Roughly, how many small square bales equal one large round bale? Of course you get size variations for both, but just on average.
Thankies


----------



## Blue-bear (19 January 2010)

my farmer reckons between 9 and 10 x


----------



## Tinypony (19 January 2010)

I've been told 10-12, and that seems about right when I use round bales.


----------



## Gucci_b (19 January 2010)

12 small bales in my 1 big bale for £32


----------



## Chico Mio (19 January 2010)

I agree with woeisme.  One neighbour has slighty smaller round bales, which are 10 small and then our other supplier has bigger bails that are 12 small.


----------



## Nailed (19 January 2010)

about 12 to 15 id say..depends on weight.
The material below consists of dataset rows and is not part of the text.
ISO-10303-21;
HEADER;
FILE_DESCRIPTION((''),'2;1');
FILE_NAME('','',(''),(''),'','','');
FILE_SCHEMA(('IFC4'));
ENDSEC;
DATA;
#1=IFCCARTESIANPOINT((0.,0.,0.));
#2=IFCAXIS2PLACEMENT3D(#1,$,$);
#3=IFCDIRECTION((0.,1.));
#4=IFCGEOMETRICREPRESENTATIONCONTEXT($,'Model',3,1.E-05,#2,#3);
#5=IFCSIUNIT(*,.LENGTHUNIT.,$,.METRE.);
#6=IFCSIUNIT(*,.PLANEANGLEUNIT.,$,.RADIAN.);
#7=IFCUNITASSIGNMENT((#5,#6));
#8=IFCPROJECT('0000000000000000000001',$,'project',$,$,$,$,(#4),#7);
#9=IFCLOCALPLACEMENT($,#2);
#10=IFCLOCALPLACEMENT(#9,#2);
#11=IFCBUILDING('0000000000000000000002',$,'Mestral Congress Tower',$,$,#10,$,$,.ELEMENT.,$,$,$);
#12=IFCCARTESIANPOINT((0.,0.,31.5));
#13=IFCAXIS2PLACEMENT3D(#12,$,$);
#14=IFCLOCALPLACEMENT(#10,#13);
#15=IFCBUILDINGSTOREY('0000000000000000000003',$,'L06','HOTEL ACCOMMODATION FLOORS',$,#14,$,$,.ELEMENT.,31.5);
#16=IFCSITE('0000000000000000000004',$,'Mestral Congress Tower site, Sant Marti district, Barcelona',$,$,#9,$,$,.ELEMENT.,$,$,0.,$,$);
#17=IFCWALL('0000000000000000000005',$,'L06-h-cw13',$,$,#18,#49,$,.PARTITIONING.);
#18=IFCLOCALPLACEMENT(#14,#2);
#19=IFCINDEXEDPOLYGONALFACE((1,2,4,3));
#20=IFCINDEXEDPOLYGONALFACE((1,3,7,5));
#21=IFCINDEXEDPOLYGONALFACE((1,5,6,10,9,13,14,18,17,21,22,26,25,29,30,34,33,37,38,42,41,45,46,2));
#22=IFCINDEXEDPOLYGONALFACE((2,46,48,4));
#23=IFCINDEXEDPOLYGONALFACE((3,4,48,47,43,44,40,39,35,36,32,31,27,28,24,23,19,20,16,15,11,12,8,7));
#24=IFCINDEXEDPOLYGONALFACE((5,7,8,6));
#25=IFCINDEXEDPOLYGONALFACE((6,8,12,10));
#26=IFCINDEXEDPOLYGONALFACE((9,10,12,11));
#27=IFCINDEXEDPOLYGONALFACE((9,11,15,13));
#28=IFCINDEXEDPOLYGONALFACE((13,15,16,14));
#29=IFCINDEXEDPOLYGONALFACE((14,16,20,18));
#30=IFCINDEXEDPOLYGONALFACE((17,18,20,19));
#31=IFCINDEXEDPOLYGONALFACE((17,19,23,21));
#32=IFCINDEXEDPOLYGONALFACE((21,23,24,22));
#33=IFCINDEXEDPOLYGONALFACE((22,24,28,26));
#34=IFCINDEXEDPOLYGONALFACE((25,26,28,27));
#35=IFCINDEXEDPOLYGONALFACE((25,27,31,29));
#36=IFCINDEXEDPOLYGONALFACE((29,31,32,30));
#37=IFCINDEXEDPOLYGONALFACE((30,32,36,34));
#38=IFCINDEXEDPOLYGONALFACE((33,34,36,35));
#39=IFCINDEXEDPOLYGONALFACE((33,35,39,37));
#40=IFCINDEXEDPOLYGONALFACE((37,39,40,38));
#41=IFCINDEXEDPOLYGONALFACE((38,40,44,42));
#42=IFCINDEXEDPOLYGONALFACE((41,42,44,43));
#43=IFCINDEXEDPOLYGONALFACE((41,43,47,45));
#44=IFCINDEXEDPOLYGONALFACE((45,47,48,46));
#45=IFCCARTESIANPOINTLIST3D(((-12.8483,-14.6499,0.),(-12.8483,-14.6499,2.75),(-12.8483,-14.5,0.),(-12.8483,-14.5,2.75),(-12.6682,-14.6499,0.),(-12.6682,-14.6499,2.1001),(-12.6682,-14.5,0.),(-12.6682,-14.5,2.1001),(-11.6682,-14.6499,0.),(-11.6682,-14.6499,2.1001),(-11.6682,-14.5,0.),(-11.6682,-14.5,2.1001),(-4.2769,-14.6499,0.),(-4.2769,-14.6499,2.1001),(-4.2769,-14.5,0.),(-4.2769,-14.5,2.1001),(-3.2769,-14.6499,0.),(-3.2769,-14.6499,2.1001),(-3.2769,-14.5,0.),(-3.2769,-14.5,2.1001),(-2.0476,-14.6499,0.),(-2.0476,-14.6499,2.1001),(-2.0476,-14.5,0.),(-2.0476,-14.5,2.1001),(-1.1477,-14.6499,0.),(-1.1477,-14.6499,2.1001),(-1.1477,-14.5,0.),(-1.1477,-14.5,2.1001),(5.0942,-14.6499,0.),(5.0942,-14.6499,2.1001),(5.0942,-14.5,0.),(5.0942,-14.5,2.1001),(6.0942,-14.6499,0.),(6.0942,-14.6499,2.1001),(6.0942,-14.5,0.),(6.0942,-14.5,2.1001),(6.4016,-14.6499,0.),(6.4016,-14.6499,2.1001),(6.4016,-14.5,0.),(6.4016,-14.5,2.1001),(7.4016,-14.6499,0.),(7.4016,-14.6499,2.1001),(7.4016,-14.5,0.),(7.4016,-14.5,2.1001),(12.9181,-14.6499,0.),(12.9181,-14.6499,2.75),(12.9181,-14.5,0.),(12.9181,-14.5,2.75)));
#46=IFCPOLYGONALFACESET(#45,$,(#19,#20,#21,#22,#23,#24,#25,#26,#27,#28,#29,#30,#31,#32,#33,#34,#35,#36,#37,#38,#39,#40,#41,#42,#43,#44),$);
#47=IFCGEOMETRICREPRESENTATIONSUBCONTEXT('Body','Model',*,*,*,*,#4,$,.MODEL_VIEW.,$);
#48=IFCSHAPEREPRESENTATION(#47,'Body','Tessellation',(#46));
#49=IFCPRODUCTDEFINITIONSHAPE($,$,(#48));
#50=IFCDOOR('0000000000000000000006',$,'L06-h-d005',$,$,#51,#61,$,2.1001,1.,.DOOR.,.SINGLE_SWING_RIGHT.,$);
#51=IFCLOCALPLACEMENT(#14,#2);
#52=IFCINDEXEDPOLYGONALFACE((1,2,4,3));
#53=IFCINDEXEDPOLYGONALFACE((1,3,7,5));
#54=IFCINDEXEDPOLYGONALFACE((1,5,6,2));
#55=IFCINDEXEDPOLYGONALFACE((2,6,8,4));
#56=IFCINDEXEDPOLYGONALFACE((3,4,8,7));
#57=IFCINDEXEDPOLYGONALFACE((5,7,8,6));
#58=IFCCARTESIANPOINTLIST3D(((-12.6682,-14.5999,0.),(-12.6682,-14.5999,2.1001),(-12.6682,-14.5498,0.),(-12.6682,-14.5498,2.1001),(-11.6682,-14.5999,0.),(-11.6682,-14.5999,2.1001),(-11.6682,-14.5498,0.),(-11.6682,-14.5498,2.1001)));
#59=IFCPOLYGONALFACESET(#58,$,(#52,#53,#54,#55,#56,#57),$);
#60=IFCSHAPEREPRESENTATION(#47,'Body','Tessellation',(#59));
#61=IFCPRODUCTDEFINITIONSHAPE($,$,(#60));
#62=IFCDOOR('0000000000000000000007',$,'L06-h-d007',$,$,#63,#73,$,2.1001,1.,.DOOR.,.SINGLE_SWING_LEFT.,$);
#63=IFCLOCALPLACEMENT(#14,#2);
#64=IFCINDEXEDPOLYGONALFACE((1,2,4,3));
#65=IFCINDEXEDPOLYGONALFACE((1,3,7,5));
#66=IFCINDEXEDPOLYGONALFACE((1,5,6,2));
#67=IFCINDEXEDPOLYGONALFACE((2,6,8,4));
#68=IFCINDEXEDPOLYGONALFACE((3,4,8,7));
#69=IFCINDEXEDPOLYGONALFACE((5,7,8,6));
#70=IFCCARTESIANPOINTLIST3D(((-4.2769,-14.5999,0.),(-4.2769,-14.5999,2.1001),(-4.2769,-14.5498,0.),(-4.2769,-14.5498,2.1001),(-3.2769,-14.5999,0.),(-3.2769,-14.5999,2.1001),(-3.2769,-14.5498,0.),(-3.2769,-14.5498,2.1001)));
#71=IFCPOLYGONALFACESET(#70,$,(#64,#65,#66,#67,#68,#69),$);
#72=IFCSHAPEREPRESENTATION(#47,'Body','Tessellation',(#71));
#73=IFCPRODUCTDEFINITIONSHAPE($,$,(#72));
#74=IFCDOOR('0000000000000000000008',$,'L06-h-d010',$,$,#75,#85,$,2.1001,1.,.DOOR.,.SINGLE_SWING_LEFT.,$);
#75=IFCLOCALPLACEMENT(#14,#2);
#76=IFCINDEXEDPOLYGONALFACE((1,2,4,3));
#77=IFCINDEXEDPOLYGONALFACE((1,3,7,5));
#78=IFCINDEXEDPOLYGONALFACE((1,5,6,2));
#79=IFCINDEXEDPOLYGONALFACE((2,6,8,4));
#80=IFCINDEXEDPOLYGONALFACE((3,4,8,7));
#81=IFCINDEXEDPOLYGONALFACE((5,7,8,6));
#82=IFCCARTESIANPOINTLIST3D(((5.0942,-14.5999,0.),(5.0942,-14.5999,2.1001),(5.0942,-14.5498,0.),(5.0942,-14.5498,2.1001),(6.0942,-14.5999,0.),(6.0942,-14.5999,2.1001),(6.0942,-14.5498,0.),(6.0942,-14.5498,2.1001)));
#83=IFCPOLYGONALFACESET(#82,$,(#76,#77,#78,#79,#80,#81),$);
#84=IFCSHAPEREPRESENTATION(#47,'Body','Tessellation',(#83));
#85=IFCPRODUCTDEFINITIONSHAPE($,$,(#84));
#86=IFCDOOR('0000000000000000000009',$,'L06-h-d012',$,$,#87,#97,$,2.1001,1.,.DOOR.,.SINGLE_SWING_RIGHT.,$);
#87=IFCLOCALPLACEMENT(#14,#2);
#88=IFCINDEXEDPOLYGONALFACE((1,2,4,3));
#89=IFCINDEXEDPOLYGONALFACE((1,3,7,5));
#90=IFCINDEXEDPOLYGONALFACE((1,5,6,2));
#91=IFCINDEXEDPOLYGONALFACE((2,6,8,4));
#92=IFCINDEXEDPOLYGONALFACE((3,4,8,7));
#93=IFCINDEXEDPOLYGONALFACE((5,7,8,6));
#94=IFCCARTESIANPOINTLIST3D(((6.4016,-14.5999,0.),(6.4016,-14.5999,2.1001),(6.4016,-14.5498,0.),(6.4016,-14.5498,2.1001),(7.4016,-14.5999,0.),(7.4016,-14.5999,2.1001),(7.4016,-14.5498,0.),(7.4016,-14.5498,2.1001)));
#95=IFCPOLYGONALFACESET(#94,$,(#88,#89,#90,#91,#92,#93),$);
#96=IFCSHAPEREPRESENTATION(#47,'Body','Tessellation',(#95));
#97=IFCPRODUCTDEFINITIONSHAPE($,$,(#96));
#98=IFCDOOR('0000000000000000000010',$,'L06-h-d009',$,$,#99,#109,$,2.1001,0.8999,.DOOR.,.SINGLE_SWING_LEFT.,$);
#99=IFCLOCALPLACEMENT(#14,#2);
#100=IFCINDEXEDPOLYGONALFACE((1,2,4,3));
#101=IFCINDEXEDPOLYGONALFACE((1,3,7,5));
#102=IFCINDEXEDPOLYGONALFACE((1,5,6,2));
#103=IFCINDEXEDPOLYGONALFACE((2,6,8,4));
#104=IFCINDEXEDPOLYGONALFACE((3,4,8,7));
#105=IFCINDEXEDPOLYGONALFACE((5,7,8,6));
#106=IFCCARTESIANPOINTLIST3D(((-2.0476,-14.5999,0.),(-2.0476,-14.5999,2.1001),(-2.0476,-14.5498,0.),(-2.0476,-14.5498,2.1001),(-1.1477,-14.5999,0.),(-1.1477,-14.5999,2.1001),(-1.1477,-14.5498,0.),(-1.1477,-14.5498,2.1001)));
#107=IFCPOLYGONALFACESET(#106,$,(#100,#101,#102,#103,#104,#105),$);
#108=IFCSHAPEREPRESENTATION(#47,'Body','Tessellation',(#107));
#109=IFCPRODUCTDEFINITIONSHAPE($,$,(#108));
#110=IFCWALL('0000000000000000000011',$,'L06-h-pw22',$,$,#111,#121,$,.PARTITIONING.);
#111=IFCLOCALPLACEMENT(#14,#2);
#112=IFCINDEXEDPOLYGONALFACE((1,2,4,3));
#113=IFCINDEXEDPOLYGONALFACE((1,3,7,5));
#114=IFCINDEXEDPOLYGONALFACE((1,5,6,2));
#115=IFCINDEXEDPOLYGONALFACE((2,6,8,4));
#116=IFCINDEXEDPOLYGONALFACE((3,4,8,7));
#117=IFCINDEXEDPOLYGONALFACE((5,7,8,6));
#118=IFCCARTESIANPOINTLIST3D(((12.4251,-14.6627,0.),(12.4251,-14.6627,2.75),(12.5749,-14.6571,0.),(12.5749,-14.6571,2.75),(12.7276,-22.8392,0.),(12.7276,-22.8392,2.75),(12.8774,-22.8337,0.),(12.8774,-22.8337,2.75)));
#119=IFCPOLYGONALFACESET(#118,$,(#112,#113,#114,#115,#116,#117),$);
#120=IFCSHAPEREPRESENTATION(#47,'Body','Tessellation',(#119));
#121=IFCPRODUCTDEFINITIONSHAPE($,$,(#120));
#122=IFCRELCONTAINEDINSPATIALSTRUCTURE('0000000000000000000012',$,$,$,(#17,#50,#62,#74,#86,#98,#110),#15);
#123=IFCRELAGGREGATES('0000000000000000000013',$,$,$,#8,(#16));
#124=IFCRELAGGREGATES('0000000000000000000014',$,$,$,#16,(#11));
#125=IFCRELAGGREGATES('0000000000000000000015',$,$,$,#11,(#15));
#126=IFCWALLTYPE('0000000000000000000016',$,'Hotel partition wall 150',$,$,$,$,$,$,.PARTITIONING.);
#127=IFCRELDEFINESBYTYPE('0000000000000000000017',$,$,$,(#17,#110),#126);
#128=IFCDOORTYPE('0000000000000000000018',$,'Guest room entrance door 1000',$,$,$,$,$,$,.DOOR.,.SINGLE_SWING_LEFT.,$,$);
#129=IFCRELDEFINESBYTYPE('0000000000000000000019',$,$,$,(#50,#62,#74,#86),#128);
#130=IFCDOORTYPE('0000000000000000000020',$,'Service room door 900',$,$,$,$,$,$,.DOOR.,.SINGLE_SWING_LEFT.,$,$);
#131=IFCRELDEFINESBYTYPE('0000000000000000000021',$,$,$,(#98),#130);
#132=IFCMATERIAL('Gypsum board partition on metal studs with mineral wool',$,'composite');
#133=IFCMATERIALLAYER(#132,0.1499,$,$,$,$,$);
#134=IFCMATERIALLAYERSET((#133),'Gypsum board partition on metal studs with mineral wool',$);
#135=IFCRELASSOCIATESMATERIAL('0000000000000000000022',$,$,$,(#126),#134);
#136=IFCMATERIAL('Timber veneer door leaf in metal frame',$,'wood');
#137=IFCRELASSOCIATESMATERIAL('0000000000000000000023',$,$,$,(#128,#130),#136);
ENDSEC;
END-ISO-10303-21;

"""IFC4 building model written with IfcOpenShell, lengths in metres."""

from ifc_helpers import new_model, si_unit, direction, frame, frame_2d, origin, place, context, subcontext, project, spatial, rectangle, extrude, material, layer, layer_set, type_object, element, fill, save


model = new_model("IFC4")

# Units and contexts
model_context = context("Model", 3, precision=1e-05, world=origin(), true_north=direction((0.0, 1.0)))
body_context = subcontext(model_context, "Body", "Model", "MODEL_VIEW")
ifc_project = project(units=[si_unit("LENGTHUNIT", "METRE"), si_unit("PLANEANGLEUNIT", "RADIAN")], contexts=[model_context])

# Site, building, storey
site_placement = place(None, origin())
site = spatial("IfcSite", under=ifc_project, at=site_placement, Name="Mestral Congress Tower site, Sant Marti district, Barcelona", CompositionType="ELEMENT", RefElevation=0.0)
building_placement = place(site_placement, origin())
building = spatial("IfcBuilding", under=site, at=building_placement, Name="Mestral Congress Tower", CompositionType="ELEMENT")
storey_placement = place(building_placement, frame((0.0, 0.0, 31.5)))
storey = spatial("IfcBuildingStorey", under=building, at=storey_placement, Name="L06", Description="HOTEL ACCOMMODATION FLOORS", CompositionType="ELEMENT", Elevation=31.5)

# Shared definitions
ifc_material_1 = material(Name="Gypsum board partition on metal studs with mineral wool", Category="composite")

# Wall, openings, doors
ifc_layer_1 = layer(ifc_material_1, 0.1499)
ifc_layer_set_1 = layer_set([ifc_layer_1], Name="Gypsum board partition on metal studs with mineral wool")
wall_type_1 = type_object("IfcWallType", Name="Hotel partition wall 150", PredefinedType="PARTITIONING", material=ifc_layer_set_1)
wall_1_placement = place(storey_placement, frame((12.9182, -14.575, 0.0), z_axis=(0.0, 0.0, 1.0), x_axis=(-1.0, 0.0, 0.0)))
wall_1 = element("IfcWall", 1, at=wall_1_placement, inside=storey, type_object=wall_type_1, Name="L06-h-cw13", PredefinedType="PARTITIONING", context=body_context, shape_type="SweptSolid", body=[
    extrude(rectangle(XDim=25.7664, YDim=0.1499, at=frame_2d((12.8833, 0.0))), origin(), (0.0, 0.0, 1.0), 2.75),
])
opening_1_placement = place(wall_1_placement, frame((24.5864, 0.0, 0.0)))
N cant remember the exacts.

Lou x


----------



## racheal (19 January 2010)

The farmer i get them from says 14 small bales to one big round bale.  And only £15 delivered too.


----------



## charliesarmy (19 January 2010)

Anything from 10-14 I have found with mine and the ammount of time it takes me to use it..


----------



## kittykatcat (20 January 2010)

Our bales are tightly packed (not these 'puffball' ones that some farmers do) and our large bales are equal to 14 smaller ones


----------